Mani comes from a Jewish ultra-Orthodox family that lives in Mea Shearim, a religious quarter in Jerusalem. He explained to me what kind of people they are. The men spend the whole day praying and reading the Torah. Outside, they walk in long black clothes and wear black fur hats. These come in a variety: shtreimels (in Yddish) are short, wide and shaped ligh donuts (mmm, with strawberry jellow), while spodiks are rounder, narrower and taller, then you have the kolpiks, which are the same as spodiks but in brown fur. Pick me a winner, I says. I’m sure ‘shush’ is a Yiddish word.

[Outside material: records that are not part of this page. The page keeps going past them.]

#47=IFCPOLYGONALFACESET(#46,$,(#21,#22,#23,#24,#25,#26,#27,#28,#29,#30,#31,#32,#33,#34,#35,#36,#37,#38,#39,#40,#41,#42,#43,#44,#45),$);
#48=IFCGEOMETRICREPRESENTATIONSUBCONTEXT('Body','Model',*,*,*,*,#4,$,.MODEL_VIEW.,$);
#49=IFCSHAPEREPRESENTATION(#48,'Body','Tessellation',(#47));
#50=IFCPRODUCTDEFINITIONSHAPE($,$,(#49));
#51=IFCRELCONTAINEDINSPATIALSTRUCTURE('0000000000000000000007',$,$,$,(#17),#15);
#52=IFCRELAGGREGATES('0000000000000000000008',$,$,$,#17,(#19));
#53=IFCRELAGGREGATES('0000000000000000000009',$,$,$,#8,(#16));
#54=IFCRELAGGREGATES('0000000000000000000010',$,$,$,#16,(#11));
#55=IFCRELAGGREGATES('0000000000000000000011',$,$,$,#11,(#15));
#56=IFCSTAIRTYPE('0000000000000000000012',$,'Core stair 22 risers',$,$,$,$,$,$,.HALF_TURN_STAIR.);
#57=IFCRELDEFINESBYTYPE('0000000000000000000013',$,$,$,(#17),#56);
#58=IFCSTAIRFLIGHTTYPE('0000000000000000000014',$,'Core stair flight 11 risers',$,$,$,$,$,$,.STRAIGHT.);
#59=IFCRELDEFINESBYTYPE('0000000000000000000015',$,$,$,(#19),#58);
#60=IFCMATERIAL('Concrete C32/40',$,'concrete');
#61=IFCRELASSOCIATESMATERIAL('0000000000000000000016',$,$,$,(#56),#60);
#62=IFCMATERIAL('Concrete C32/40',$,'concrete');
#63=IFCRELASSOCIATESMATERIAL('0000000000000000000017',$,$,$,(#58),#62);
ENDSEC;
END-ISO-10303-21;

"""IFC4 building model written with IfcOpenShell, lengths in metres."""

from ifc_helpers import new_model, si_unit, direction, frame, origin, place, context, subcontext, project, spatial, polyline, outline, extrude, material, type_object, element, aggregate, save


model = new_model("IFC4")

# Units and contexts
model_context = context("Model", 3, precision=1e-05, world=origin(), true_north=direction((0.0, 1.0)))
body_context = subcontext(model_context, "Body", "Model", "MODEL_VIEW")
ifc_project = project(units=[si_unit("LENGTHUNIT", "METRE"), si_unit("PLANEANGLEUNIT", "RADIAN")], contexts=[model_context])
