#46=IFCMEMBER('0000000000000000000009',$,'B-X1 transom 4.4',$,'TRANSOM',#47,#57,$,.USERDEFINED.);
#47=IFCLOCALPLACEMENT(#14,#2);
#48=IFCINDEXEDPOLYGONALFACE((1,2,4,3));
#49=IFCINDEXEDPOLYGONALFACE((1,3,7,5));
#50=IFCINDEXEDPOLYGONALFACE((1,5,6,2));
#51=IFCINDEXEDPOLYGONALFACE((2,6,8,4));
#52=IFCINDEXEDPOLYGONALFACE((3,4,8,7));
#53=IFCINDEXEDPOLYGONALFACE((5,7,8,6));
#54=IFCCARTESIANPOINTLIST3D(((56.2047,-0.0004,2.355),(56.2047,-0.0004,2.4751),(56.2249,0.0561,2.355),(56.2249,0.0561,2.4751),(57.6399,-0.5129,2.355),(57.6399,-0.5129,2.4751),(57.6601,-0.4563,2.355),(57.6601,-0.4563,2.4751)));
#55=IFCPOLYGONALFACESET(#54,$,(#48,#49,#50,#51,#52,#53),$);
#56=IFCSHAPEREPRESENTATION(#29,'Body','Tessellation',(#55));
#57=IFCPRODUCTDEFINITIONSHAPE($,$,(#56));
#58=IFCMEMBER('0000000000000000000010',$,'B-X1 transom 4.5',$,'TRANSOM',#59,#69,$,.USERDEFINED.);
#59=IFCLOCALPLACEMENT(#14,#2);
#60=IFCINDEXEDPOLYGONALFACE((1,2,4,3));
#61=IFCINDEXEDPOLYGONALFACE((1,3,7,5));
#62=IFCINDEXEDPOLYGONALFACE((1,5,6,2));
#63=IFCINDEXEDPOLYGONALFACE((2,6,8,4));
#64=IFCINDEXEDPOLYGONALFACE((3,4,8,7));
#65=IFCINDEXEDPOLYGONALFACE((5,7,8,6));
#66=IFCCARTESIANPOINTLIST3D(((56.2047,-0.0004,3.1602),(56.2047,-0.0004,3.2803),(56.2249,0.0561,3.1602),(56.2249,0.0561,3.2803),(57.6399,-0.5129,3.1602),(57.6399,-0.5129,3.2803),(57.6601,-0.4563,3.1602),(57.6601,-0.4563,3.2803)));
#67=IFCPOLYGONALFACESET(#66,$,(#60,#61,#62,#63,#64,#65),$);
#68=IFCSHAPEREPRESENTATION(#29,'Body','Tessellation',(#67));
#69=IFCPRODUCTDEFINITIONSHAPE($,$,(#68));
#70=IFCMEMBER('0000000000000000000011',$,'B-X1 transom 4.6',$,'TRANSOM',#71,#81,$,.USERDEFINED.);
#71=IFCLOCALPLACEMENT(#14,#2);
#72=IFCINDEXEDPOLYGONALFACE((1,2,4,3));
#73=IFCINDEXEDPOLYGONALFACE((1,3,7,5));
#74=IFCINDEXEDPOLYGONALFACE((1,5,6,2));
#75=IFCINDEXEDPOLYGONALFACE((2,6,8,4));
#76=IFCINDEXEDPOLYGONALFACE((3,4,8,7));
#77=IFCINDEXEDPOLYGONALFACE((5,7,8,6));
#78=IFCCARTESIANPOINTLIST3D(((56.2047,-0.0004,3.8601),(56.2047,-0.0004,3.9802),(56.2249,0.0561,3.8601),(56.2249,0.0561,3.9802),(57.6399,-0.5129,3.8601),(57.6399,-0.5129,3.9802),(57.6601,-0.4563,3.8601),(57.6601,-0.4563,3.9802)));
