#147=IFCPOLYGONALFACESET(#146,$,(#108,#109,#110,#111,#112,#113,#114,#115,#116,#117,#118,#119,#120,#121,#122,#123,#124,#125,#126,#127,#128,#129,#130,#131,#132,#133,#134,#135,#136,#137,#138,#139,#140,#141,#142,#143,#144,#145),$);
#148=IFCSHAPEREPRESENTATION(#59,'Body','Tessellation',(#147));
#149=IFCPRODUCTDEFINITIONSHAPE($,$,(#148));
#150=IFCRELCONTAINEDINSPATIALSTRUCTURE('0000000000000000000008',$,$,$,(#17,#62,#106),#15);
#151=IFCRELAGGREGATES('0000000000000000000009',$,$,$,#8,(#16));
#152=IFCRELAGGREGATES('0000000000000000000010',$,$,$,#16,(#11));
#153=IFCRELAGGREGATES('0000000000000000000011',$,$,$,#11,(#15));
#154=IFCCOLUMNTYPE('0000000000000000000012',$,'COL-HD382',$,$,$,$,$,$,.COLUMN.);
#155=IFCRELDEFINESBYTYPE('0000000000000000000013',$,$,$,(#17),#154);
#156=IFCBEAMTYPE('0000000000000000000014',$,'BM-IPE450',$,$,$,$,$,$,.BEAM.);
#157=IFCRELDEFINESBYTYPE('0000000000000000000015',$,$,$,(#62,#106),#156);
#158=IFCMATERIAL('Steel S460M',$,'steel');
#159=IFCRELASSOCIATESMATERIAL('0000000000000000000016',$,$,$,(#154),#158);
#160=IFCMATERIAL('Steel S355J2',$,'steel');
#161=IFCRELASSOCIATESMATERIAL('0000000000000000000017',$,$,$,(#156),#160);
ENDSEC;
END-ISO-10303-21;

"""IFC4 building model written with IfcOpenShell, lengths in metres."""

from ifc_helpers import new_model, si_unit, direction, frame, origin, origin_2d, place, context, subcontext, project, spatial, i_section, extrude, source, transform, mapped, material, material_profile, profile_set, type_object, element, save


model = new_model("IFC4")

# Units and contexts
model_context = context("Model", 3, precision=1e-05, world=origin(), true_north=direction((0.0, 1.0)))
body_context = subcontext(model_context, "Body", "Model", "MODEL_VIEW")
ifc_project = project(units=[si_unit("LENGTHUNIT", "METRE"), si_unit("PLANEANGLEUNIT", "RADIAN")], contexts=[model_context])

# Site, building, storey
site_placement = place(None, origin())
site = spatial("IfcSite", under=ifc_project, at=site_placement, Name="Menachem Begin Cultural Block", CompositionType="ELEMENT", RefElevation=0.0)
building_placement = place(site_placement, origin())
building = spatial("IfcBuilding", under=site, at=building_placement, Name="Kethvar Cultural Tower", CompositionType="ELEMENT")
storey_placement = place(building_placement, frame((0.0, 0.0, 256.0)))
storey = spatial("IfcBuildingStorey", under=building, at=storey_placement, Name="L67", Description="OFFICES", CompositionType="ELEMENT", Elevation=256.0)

These poor men - and yeah, they ARE dirt poor - wear old pants tucked into their old socks, with an old coat covering it all, like their Polish ancestors. They wear all of this, no matter what the temperature is, which I find disco-mom-billowing, and downright cruel, coz in Summer when it sizzles, Israeli youngsters and even oldsters run around in shorts, sandals and t-shirts, sometimes, bare chested. Because of that heavy armor, these Haredi men lack vitamin D and fall ill, at the slightest cold. They catch their chill, and sometimes their death, if they don’t go to the doctor, as they should, coz here medical health is free, for all and sundry, especially on Sunday, since, in Israel, it is the beginning of the week, not Monday. It’s the Jews who invented the weekend.

Mani has six brothers and five sisters, wa wo wee! His father and uncles do nothing but pray and chant, while his mom and his older sisters work to earn money; they also cook, wash clothes and look after the other kids. That I call female slavery. Of course, I didn’t say this to Mani, it would the same as him blaming my uncle for being a clostet homey.

Once married, Orthodox women aren’t allowed to show their hair in public. They either wear a headscarf or a sheitel - a ‘wig’. The most zealous among them shave their heads, not to make their hubbies jealous.

The men have sidecurls that look like twisted strands of licorice (mmm … I could munch on licorice for hours). Some let their hair, mustache, sideburns and beards grow very long, on account that they want to show who is the man of the family, yet, they don’t go around bragging that it is the women who work to maintain the whole family, ain’t that strange?